Żona polityka PiS będzie walczyć w MMA. Dopiero co domagała się zdelegalizowania federacji
Chociaż jeszcze kilka tygodni temu żona znanego polityka krytycznie wypowiadała się o galach freak fightowych, niebawem sama stoczy walkę na jednej z nich. Zdradziła, dlaczego się na to zgodziła.
Chyba nikt się nie spodziewał, że pewnego dnia Marianna Schreiber zostanie przedstawiona jako jedna z zawodniczek na freak fightowej gali MMA. Stało się jednak inaczej, choć jeszcze kilka tygodni temu żona polityka PiS ostro oceniała ten rodzaj walk, a nawet domagała się ich zdelegalizowania. Zdradziła powód, dla którego postanowiła przyjąć propozycję.
Marianna Schreiber nową zawodniczką na gali MMA!
Chociaż jej mąż od lat jest znanym politykiem Prawa i Sprawiedliwości, Mariannę Schreiber poznaliśmy bliżej dopiero, gdy wzięła udział w "Top Model". Wywołała tym wówczas niemałe kontrowersje, w szczególności dlatego, że otwarcie przyznała, że nie ma w tej kwestii zbytniego wsparcia od ukochanego. Finalnie udało jej się przejść zaledwie kilka etapów, a gdy odpadła, nie poszła w stronę modelingu, lecz... polityki.

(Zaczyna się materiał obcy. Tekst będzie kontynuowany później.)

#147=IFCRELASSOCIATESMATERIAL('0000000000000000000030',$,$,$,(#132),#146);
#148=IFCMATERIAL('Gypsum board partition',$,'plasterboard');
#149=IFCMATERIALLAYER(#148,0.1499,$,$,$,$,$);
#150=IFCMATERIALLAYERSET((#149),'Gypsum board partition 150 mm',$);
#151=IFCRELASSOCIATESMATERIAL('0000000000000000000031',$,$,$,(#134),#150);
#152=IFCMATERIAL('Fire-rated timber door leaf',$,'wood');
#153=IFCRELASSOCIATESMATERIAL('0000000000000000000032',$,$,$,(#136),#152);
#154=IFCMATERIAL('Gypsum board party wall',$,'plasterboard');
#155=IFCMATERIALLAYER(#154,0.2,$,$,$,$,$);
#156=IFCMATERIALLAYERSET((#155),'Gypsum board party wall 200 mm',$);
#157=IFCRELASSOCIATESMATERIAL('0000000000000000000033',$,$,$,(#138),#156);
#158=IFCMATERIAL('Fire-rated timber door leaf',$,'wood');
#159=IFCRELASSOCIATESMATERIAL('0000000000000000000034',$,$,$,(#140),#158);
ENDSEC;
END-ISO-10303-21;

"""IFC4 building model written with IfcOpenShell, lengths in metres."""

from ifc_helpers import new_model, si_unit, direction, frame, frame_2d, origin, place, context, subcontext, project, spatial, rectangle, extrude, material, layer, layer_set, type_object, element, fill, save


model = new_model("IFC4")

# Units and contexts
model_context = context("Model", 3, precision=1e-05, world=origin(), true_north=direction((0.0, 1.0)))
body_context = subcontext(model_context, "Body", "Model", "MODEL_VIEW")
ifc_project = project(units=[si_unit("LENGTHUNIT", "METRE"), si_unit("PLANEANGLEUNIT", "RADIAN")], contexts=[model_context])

Marianna głośno wyraża swoje poglądy, a od jakiegoś czasu szczególnie dużo mówiła o popularnych obecnie galach freak fightowych. Wyraźnie nie zgadzała się z ich przebiegiem, a nawet domagała się ich zdelegalizowania. Tym bardziej nikt nie spodziewał się, że pewnego dnia żona polityka sama zostanie zawodniczką i w szczególności, że stanie się to tak szybko!

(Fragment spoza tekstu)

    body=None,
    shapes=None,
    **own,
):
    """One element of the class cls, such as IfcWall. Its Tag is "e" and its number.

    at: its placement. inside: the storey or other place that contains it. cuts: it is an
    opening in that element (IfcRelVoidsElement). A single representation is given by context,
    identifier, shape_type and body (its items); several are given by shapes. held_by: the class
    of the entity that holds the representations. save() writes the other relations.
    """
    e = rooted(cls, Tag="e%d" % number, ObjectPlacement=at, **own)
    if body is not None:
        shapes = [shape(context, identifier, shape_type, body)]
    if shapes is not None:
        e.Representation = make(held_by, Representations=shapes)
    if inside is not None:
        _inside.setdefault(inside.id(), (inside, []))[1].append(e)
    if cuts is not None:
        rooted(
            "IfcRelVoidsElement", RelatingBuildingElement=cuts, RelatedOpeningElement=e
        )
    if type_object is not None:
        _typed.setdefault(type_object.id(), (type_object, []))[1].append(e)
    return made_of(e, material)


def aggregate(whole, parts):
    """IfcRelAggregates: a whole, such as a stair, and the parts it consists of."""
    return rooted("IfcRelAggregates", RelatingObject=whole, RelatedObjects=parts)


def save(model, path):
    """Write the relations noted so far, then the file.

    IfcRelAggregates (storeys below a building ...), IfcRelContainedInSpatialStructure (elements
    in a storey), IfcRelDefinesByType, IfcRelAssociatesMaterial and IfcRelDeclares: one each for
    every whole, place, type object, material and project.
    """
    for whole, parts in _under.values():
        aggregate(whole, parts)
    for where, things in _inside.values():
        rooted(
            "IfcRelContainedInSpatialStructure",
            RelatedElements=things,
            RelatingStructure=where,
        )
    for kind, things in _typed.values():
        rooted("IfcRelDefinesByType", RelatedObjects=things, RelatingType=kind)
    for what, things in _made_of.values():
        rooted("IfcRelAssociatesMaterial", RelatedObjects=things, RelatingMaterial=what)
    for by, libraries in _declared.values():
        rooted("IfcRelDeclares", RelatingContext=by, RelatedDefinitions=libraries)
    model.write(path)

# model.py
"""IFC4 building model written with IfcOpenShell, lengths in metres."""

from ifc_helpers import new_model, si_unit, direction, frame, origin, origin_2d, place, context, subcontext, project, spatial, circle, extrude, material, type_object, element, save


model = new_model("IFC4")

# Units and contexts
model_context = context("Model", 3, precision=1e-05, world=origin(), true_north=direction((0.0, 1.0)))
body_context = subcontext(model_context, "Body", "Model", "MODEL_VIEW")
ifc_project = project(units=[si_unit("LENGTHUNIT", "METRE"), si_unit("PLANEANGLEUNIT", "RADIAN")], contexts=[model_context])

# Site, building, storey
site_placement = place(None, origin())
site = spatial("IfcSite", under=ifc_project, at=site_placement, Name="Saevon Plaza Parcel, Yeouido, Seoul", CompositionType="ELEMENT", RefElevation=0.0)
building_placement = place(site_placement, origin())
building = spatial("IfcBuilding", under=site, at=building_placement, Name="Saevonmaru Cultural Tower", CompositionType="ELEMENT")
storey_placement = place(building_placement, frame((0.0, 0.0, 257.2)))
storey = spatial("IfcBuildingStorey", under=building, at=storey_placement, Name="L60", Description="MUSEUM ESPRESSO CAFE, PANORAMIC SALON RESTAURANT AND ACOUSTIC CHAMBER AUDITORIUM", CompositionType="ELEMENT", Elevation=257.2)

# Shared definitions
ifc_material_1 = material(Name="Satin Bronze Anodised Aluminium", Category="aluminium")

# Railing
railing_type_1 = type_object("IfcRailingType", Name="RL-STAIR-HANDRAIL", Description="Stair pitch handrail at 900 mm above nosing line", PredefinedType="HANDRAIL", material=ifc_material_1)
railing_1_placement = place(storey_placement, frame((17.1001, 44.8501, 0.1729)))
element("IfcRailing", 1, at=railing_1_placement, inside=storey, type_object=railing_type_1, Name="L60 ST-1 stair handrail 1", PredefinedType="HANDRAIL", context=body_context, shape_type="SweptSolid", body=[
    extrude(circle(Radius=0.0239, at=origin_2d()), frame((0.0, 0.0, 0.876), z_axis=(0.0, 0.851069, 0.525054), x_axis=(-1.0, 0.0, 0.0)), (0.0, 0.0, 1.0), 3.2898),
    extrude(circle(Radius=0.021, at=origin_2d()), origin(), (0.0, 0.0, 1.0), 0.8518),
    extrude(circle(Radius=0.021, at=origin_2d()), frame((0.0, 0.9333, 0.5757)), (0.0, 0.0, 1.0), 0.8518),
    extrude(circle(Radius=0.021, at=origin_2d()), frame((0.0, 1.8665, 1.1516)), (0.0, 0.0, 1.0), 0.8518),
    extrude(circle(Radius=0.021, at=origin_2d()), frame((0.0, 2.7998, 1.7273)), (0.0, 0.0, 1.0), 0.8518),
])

Zobacz także: Oto odprawa Dominiki Chorosińskiej za dwa tygodnie w rządzie. Co za kwota!
Ogłoszenie Marianny spotkało się z ogromnym hejtem. Wielu internautów zarzuciło jej hipokryzję i przypomniało, że zaledwie kilka tygodni wcześniej ostro krytykowała walki MMA. Tymczasem 31-latka zdążyła już wziąć udział w konferencji, na której, według obserwatorów, nie poradziła sobie najlepiej. Jej przeciwniczką okazała się dziennikarka, Monika Laskowska, natomiast sama gala ma odbyć się 29 grudnia! Na swoim Instagramie Marianna wydała specjalne oświadczenie, w którym wyjaśniła, dlaczego zgodziła się na walkę.
Mogłabym, jak wiele osób walczących we freak fightach, tworzyć jakąś legendę, że ''od dziecka kocham sporty walki, że potrzebny jest mi zastrzyk adrenaliny itd.'', ale tak jak zawsze - CHCĘ BYĆ Z WAMI SZCZERA. Na pewno istotnym elementem (chyba tak jak dla wszystkich zawodników) jest czynnik finansowy, który spowodował, że zaczęłam o tym w ogóle myśleć na poważnie i który wydaje mi się mógł przeważyć
Dalej Marianna przyznała, że za cel ustawiła sobie udowodnienie widzom, iż możliwy jest udział we freak fightach i jednocześnie "reprezentowanie sobą coś więcej, niż tylko przekleństwa, groźby i wyzwiska". Tym razem jednak nie chciała zdradzić, jak na wieść o walce zareagował jej mąż. Pod postem znów zaroiło się od negatywnych komentarzy i wygląda na to, że Marianna nie może zbyt liczyć na wsparcie internautów.